In a sign of movement, House Speaker Nancy Pelosi, D-Calif., and others said Democrats have already sent parts of a revised bill to the Congressional Budget Office, which will certify its price tag. The nonpartisan budget office must estimate legislation's cost before lawmakers can vote on it.
Pelosi said she believed House Democrats would be reassured by changes to the prospective Senate bill, including an easing of a tax on high-cost health policies, higher subsidies to help low-income people purchase insurance, more generous prescription drug benefits for the elderly and the removal of federal Medicaid aid provided solely to Nebraska.
Just days after Obama made a show of bipartisanship by saying he would consider incorporating Republican ideas into the bill, a top House aide said at least two would be included: cracking down on fraudulent medical billing and exploring ways to avoid expensive malpractice trials. The aide said it was unclear whether higher federal Medicaid payments to states and GOP-proposed tax breaks aimed at discouraging unneeded medical care would be included.
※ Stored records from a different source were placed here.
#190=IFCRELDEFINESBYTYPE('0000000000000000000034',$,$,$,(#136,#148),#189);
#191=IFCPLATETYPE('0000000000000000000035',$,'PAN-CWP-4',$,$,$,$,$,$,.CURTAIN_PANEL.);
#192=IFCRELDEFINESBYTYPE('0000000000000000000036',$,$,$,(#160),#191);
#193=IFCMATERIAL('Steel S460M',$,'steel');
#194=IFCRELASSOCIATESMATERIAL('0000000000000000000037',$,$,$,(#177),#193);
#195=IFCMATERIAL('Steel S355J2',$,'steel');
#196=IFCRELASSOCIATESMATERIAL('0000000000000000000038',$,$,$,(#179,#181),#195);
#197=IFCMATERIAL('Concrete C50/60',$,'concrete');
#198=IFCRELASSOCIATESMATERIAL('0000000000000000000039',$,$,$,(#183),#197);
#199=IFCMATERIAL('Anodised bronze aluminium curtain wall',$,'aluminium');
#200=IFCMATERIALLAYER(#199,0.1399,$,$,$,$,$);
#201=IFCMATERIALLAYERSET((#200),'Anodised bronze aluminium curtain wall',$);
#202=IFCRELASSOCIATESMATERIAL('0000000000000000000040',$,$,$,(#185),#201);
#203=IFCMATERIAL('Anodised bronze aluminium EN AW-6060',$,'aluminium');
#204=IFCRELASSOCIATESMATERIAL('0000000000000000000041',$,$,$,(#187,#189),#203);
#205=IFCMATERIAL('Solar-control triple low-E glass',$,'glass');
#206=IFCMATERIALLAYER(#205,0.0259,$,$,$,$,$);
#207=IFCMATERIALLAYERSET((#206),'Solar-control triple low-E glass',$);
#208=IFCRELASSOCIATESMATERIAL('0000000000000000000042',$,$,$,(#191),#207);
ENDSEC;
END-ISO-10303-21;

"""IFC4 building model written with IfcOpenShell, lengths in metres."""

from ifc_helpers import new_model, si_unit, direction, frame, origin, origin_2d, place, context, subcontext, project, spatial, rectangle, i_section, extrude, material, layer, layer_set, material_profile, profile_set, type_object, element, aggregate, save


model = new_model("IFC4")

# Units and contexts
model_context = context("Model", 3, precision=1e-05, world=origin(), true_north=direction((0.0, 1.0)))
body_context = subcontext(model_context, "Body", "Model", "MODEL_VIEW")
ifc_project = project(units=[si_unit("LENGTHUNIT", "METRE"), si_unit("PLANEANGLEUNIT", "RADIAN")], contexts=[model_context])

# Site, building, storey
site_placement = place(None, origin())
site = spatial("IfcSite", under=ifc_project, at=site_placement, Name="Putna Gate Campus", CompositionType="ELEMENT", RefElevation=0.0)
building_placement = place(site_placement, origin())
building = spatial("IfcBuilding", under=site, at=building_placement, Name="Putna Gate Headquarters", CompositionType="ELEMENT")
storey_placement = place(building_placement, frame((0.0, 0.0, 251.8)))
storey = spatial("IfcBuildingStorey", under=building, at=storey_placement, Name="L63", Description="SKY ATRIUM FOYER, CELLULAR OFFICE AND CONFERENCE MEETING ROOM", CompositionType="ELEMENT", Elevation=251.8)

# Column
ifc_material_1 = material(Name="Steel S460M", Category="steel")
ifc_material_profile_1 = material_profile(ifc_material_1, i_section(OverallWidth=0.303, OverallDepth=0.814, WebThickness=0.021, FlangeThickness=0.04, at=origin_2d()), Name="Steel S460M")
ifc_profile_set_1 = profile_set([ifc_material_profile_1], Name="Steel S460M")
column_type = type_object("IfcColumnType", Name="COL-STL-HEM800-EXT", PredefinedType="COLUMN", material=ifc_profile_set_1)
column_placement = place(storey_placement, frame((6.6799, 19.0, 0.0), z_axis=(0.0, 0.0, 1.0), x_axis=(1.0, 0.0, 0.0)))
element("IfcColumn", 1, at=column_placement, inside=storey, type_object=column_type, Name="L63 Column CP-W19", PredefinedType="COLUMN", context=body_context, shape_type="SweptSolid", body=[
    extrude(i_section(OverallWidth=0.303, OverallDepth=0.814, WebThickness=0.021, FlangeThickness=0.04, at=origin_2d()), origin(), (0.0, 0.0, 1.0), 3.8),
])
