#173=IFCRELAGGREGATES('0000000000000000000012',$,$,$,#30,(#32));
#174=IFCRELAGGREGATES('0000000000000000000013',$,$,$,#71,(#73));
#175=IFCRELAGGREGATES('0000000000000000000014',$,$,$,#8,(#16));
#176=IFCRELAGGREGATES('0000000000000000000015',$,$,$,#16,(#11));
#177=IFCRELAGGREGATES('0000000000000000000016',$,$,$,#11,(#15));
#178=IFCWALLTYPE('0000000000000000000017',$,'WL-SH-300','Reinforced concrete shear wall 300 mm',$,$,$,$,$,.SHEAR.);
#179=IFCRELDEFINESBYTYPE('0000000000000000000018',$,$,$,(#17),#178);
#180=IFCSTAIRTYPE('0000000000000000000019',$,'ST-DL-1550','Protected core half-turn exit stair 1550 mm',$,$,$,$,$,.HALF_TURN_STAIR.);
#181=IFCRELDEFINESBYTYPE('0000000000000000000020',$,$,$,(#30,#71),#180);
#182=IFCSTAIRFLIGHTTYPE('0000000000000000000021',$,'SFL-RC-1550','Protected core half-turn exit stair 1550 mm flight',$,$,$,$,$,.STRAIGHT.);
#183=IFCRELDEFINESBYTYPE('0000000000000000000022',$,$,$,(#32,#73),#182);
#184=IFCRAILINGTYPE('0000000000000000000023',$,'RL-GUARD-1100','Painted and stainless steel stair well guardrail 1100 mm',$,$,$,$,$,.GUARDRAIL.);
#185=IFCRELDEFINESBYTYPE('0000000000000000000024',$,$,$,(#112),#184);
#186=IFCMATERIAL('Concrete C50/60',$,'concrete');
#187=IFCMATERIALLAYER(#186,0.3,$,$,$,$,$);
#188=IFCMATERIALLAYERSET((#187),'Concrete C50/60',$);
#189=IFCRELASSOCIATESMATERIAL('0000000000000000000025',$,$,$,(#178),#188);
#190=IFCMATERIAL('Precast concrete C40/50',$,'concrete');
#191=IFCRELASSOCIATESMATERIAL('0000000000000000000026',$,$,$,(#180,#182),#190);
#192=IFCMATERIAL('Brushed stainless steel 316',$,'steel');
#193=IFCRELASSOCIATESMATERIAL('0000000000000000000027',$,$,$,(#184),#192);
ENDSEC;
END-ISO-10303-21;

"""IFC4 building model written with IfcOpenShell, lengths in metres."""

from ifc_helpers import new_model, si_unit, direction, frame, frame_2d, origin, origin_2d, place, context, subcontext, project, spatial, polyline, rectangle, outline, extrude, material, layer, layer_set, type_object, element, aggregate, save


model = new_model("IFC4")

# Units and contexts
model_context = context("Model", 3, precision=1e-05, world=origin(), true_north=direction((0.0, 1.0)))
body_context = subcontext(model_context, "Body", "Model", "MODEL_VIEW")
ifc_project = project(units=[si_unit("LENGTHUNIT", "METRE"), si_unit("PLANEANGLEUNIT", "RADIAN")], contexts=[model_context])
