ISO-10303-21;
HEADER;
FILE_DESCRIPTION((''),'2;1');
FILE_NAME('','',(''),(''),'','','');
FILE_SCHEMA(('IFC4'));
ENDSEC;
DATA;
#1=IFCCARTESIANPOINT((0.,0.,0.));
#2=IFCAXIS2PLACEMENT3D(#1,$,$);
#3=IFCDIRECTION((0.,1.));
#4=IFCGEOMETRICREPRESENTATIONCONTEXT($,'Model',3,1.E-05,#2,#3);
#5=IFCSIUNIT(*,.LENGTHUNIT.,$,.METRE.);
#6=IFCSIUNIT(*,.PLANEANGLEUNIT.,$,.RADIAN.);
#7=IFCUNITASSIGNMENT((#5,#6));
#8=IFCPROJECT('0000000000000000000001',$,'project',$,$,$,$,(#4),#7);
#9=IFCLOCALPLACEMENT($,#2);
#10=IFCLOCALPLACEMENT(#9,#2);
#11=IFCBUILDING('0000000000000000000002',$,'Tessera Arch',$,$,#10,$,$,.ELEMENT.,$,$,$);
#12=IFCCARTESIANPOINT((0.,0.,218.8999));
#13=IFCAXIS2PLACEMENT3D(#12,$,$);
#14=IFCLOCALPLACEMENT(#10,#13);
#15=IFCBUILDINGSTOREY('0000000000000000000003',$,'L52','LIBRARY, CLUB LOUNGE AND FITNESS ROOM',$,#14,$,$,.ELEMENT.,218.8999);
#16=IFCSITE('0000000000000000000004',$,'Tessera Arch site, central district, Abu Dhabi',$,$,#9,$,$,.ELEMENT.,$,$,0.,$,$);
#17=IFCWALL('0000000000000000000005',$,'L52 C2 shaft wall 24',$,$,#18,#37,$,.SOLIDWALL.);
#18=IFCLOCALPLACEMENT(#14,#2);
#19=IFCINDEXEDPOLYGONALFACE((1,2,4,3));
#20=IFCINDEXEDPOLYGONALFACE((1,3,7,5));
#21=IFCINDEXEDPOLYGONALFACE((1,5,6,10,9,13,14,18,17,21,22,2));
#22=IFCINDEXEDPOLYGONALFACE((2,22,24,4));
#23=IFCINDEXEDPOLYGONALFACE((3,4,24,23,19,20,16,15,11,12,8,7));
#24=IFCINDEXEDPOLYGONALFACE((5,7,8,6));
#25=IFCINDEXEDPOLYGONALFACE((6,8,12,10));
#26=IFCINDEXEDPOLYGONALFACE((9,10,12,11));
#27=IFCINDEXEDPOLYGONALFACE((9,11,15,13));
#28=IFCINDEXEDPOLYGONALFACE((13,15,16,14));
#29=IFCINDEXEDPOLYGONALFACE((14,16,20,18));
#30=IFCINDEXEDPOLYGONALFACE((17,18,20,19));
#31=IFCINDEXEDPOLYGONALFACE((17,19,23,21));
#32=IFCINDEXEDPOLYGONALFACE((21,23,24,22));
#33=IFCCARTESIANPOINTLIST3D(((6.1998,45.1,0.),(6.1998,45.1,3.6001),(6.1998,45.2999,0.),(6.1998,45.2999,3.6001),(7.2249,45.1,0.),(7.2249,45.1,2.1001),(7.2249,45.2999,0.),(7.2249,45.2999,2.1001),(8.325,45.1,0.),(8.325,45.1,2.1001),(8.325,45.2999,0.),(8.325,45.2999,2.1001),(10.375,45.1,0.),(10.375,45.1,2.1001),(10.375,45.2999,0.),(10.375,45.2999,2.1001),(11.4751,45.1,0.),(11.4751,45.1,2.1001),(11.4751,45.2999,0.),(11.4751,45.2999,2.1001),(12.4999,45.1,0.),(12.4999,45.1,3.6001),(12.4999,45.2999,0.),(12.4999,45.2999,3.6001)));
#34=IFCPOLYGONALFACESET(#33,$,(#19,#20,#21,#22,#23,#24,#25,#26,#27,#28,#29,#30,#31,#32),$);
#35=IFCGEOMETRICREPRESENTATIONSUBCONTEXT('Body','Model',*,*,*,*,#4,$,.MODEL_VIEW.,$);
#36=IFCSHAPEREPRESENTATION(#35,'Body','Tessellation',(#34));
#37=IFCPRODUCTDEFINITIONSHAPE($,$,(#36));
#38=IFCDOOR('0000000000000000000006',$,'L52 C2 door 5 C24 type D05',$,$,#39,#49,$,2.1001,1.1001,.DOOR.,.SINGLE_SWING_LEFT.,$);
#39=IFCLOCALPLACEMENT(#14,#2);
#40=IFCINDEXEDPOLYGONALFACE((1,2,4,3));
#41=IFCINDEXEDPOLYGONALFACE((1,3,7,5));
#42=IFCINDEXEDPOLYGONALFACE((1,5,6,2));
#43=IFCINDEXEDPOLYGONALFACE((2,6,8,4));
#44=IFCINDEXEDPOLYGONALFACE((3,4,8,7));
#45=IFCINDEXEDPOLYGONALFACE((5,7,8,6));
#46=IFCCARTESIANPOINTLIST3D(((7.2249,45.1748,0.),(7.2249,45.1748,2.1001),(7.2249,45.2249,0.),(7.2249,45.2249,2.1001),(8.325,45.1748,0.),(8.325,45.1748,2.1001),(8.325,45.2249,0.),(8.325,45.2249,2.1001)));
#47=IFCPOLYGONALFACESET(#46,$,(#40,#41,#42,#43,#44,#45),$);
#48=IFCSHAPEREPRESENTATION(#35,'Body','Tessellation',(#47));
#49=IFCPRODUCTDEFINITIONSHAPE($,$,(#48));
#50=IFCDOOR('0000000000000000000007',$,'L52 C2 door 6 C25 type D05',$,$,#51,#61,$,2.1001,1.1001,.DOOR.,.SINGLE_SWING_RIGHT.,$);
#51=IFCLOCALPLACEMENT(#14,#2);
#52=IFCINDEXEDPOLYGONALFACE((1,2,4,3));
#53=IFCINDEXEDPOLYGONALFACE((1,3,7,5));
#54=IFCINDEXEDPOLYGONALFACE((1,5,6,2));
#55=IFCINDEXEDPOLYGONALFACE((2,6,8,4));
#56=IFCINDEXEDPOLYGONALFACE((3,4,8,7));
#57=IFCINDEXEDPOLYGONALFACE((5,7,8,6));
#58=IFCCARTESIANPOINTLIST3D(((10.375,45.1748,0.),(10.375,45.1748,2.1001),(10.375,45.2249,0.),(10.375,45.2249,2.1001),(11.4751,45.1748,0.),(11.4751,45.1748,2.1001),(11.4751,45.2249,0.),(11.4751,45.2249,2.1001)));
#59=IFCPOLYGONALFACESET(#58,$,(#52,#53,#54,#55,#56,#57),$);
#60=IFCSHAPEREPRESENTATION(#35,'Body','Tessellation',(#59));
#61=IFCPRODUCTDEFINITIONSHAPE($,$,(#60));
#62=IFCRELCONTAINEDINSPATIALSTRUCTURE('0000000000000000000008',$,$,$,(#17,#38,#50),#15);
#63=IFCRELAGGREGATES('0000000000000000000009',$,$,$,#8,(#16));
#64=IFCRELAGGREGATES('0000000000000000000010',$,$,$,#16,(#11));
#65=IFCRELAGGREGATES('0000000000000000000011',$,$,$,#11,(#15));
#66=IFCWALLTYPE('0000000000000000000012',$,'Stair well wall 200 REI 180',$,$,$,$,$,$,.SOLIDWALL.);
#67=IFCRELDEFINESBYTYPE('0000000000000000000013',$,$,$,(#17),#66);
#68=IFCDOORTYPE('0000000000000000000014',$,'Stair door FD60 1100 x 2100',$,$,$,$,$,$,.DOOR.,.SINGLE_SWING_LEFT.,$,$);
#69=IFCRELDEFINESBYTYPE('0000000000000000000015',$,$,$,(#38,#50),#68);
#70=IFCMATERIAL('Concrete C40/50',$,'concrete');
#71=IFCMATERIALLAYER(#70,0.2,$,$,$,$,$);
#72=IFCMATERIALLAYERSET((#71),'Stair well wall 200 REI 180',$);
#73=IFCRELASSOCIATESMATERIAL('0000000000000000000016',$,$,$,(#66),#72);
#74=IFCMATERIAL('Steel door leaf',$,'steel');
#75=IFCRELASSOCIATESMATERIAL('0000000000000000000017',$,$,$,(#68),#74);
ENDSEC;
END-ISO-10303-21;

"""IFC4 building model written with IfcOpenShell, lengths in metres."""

from ifc_helpers import new_model, si_unit, direction, frame, frame_2d, origin, place, context, subcontext, project, spatial, rectangle, extrude, material, layer, layer_set, type_object, element, fill, save


model = new_model("IFC4")

# Units and contexts
model_context = context("Model", 3, precision=1e-05, world=origin(), true_north=direction((0.0, 1.0)))
body_context = subcontext(model_context, "Body", "Model", "MODEL_VIEW")
ifc_project = project(units=[si_unit("LENGTHUNIT", "METRE"), si_unit("PLANEANGLEUNIT", "RADIAN")], contexts=[model_context])

# Site, building, storey
site_placement = place(None, origin())
site = spatial("IfcSite", under=ifc_project, at=site_placement, Name="Tessera Arch site, central district, Abu Dhabi", CompositionType="ELEMENT", RefElevation=0.0)
building_placement = place(site_placement, origin())
building = spatial("IfcBuilding", under=site, at=building_placement, Name="Tessera Arch", CompositionType="ELEMENT")
storey_placement = place(building_placement, frame((0.0, 0.0, 218.8999)))
storey = spatial("IfcBuildingStorey", under=building, at=storey_placement, Name="L52", Description="LIBRARY, CLUB LOUNGE AND FITNESS ROOM", CompositionType="ELEMENT", Elevation=218.8999)

# Wall, openings, doors
ifc_material_1 = material(Name="Concrete C40/50", Category="concrete")
ifc_layer_1 = layer(ifc_material_1, 0.2)
ifc_layer_set_1 = layer_set([ifc_layer_1], Name="Stair well wall 200 REI 180")
wall_type_1 = type_object("IfcWallType", Name="Stair well wall 200 REI 180", PredefinedType="SOLIDWALL", material=ifc_layer_set_1)
wall_1_placement = place(storey_placement, frame((6.2, 45.2, 0.0), z_axis=(0.0, 0.0, 1.0), x_axis=(1.0, 0.0, 0.0)))
wall_1 = element("IfcWall", 1, at=wall_1_placement, inside=storey, type_object=wall_type_1, Name="L52 C2 shaft wall 24", PredefinedType="SOLIDWALL", context=body_context, shape_type="SweptSolid", body=[
    extrude(rectangle(XDim=6.3, YDim=0.2, at=frame_2d((3.1499, 0.0))), origin(), (0.0, 0.0, 1.0), 3.6001),
])
opening_1_placement = place(wall_1_placement, frame((1.0249, 0.0, 0.0)))
opening_1 = element("IfcOpeningElement", 2, at=opening_1_placement, cuts=wall_1, PredefinedType="OPENING", context=body_context, shape_type="SweptSolid", body=[
    extrude(rectangle(XDim=1.1001, YDim=2.1001, at=frame_2d((0.55, 1.05))), frame((0.0, 0.1099, 0.0), z_axis=(0.0, -1.0, 0.0), x_axis=(1.0, 0.0, 0.0)), (0.0, 0.0, 1.0), 0.22),
])
opening_2_placement = place(wall_1_placement, frame((4.175, 0.0, 0.0)))
opening_2 = element("IfcOpeningElement", 3, at=opening_2_placement, cuts=wall_1, PredefinedType="OPENING", context=body_context, shape_type="SweptSolid", body=[
    extrude(rectangle(XDim=1.1001, YDim=2.1001, at=frame_2d((0.55, 1.05))), frame((0.0, 0.1099, 0.0), z_axis=(0.0, -1.0, 0.0), x_axis=(1.0, 0.0, 0.0)), (0.0, 0.0, 1.0), 0.22),
])
ifc_material_2 = material(Name="Steel door leaf", Category="steel")
door_type_1 = type_object("IfcDoorType", Name="Stair door FD60 1100 x 2100", OperationType="SINGLE_SWING_LEFT", PredefinedType="DOOR", material=ifc_material_2)
door_1_placement = place(opening_1_placement, origin())
door_1 = element("IfcDoor", 4, at=door_1_placement, inside=storey, type_object=door_type_1, Name="L52 C2 door 5 C24 type D05", OperationType="SINGLE_SWING_LEFT", OverallHeight=2.1001, OverallWidth=1.1001, PredefinedType="DOOR", context=body_context, shape_type="SweptSolid", body=[
    extrude(rectangle(XDim=1.1001, YDim=2.1001, at=frame_2d((0.55, 1.05))), frame((0.0, 0.0249, 0.0), z_axis=(0.0, -1.0, 0.0), x_axis=(1.0, 0.0, 0.0)), (0.0, 0.0, 1.0), 0.05),
])
fill(opening_1, door_1)
door_2_placement = place(opening_2_placement, origin())
door_2 = element("IfcDoor", 5, at=door_2_placement, inside=storey, type_object=door_type_1, Name="L52 C2 door 6 C25 type D05", OperationType="SINGLE_SWING_RIGHT", OverallHeight=2.1001, OverallWidth=1.1001, PredefinedType="DOOR", context=body_context, shape_type="SweptSolid", body=[
    extrude(rectangle(XDim=1.1001, YDim=2.1001, at=frame_2d((0.55, 1.05))), frame((0.0, 0.0249, 0.0), z_axis=(0.0, -1.0, 0.0), x_axis=(1.0, 0.0, 0.0)), (0.0, 0.0, 1.0), 0.05),
])
fill(opening_2, door_2)

save(model, "model.ifc")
Spotlighting another problem House leaders face, Rep. Bart Stupak, D-Mich., said a dozen anti-abortion Democrats will vote against the health legislation if it allows some federal funds to be used for abortions. The House bill's abortion restrictions are tougher than the Senate's, which Stupak said on ABC's "Good Morning America" would let the federal government "directly subsidize abortions."
Republicans say the legislation would create government-controlled health care that the public does not want. Sen. Lamar Alexander, R-Tenn., said Obama and House Democratic leaders are asking their members to "hold hands, jump off a cliff and hope Harry Reid catches them," a reference to the Senate Democratic leader from Nevada.
In another event at the White House, Health and Human Services Secretary Kathleen Sebelius met with the chiefs of four major health insurance companies and asked them to provide justifications for double-digit price increases that have angered consumers. Health insurers, who have blamed rising medical costs for their own price rises, made no final commitments about what they would provide.
Obama advisers hope that highlighting the rate hikes will put pressure not just on insurers to lower rates but also on Congress to agree on a final bill.